I'm so confused as to what's going on with my handset Can someone please help me!!!???

Thanks


----------



## WindowsAndroid

Hello Sukhicookie,
I'm sorry you are having problems with your HTC ONE M8,
May I ask, have you tried updating to a newer software version?
If you have not received an update yet and as you have exhausted all other available fixes. You may need to factory reset the device. This will erase any pictures,videos,media and data on the device at the time of the factory reset. Backing up pictures and video's to a cloud based server, for example Google Photos, will keep your pictures and videos saved. To insure that your saved contacts are not erased, you need to make sure you export all your contacts to your Sim/SD card.
Please PM me if you require anymore assistance

Thank You,
WindowsAndroid


----------



## SukhiCookie

Hi, thanks for the reply.
My phone is currently operating on Android 5.0.1 with HTC Sense 6.0
I've searched for a software update but my phone is already updated.
I back up everything using HTC Cloud, and a standard Google account back up, but for some reason it won't allow me to initiate a back up myself (It seems like Backup functionally is affected too. The last automated back-up my phone restored, was 7 days ago, and I have information on my phone over the last 7 days that I need to keep hold of, so I'm reluctant to do a factory reset. 

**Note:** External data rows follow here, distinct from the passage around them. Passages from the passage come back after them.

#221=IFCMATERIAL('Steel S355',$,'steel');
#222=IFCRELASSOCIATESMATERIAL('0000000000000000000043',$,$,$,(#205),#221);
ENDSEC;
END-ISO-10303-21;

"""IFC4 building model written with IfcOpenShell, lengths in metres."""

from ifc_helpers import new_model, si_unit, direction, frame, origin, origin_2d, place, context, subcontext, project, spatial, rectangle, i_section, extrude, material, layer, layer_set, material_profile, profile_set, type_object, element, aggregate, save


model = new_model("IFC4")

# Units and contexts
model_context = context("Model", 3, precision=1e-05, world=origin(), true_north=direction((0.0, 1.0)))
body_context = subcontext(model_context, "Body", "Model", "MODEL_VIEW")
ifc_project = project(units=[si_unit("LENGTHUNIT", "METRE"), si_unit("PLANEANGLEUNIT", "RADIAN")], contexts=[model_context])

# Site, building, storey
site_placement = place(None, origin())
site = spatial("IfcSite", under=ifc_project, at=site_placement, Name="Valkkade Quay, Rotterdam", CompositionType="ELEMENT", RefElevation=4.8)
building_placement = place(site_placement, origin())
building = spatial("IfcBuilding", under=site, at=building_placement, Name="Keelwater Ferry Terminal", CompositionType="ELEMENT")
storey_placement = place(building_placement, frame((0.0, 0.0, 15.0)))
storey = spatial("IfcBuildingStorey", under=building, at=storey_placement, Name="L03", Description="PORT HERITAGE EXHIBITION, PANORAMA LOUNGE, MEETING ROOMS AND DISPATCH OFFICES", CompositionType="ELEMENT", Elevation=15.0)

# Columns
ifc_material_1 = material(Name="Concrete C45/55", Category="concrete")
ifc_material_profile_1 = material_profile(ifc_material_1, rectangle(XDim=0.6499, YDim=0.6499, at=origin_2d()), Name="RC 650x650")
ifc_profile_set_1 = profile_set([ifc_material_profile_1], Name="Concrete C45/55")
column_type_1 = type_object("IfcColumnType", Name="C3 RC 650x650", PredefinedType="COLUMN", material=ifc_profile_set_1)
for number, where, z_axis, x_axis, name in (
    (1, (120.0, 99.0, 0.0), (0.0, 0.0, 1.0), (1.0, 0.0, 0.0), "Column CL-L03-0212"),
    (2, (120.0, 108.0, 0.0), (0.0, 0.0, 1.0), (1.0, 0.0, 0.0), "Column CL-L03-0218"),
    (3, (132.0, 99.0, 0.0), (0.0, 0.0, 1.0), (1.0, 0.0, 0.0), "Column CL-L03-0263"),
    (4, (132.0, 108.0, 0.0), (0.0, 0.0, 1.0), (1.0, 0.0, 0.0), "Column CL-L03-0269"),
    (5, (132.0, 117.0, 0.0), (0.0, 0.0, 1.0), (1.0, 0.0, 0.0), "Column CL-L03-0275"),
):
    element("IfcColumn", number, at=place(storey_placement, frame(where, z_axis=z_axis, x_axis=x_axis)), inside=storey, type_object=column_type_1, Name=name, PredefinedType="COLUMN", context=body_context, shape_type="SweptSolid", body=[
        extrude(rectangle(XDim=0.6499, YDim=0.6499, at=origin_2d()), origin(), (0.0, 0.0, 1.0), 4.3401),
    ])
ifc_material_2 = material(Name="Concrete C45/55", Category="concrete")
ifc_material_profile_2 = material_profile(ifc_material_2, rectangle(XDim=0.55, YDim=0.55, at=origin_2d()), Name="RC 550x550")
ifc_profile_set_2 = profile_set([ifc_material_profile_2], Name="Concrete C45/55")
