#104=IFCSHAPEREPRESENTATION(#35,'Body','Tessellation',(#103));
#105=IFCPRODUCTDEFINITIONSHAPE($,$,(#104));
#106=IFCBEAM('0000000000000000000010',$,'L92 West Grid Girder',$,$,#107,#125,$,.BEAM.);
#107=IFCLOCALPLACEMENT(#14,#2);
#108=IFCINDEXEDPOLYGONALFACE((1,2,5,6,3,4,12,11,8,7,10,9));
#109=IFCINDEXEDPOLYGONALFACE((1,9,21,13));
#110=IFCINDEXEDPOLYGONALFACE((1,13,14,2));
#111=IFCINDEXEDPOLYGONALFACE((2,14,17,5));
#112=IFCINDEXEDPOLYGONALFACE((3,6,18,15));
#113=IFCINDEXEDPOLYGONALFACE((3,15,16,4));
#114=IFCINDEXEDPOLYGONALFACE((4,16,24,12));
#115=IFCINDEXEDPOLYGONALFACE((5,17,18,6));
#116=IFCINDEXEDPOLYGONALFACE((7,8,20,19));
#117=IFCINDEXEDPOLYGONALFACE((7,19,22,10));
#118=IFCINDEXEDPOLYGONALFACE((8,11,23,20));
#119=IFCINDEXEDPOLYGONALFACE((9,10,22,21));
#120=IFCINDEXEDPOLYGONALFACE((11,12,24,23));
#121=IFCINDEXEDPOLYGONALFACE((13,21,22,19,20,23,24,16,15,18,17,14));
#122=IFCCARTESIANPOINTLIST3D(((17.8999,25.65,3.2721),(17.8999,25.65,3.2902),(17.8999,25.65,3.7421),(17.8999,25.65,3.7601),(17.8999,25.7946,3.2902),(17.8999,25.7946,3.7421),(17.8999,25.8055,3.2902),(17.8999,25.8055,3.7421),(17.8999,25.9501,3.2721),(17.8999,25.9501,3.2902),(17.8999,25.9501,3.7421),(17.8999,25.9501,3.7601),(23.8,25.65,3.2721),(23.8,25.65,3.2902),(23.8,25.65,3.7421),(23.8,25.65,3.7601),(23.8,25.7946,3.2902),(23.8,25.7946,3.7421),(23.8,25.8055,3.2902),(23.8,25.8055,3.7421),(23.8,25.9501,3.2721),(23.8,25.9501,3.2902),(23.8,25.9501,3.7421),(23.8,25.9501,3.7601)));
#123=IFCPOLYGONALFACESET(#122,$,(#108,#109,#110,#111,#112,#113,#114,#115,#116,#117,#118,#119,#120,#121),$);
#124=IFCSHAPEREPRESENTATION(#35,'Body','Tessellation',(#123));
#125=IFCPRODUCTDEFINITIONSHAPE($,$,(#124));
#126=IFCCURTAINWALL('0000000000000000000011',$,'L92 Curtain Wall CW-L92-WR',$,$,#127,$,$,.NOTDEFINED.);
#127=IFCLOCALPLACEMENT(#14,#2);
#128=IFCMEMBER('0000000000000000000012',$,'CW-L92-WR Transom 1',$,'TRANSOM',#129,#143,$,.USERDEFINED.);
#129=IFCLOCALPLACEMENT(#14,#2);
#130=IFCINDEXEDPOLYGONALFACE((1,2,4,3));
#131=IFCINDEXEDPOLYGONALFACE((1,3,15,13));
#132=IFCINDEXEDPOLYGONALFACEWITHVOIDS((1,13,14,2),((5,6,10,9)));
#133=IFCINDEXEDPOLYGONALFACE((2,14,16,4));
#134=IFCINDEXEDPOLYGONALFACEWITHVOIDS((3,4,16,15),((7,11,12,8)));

Do you have any other suggestions please?

Thanks,
Sukhicookie


----------



## SukhiCookie

Just a thought...

I had another HTC M8 'back-up' phone which I recently factory reset and sold online as I no longer needed it.
Could this have anything to do with the problem?
I did a straight factory reset which removed all account details from the phone before I sold it online, surely this wouldn't have anything to do with the problem?

Thanks,
Sukhicookie


----------



## WindowsAndroid

I don't see how factory resetting your backup device would affect your current_ HTC ONE M8, _ even if they had shared accounts.
Its clear that we can't complete a factory reset as you have information that is needed that has not been backed up yet. There is a solution though... As the backup is automatic and the last backup was 7 days ago, it's only a matter of time until the information you require is safely backed up as well! After it's backed up you may try to factory reset the device again,this time knowing all your information is safe

Hope I helped,
WindowsAndroid


----------



## SukhiCookie

Thanks, I'm glad that's not the case.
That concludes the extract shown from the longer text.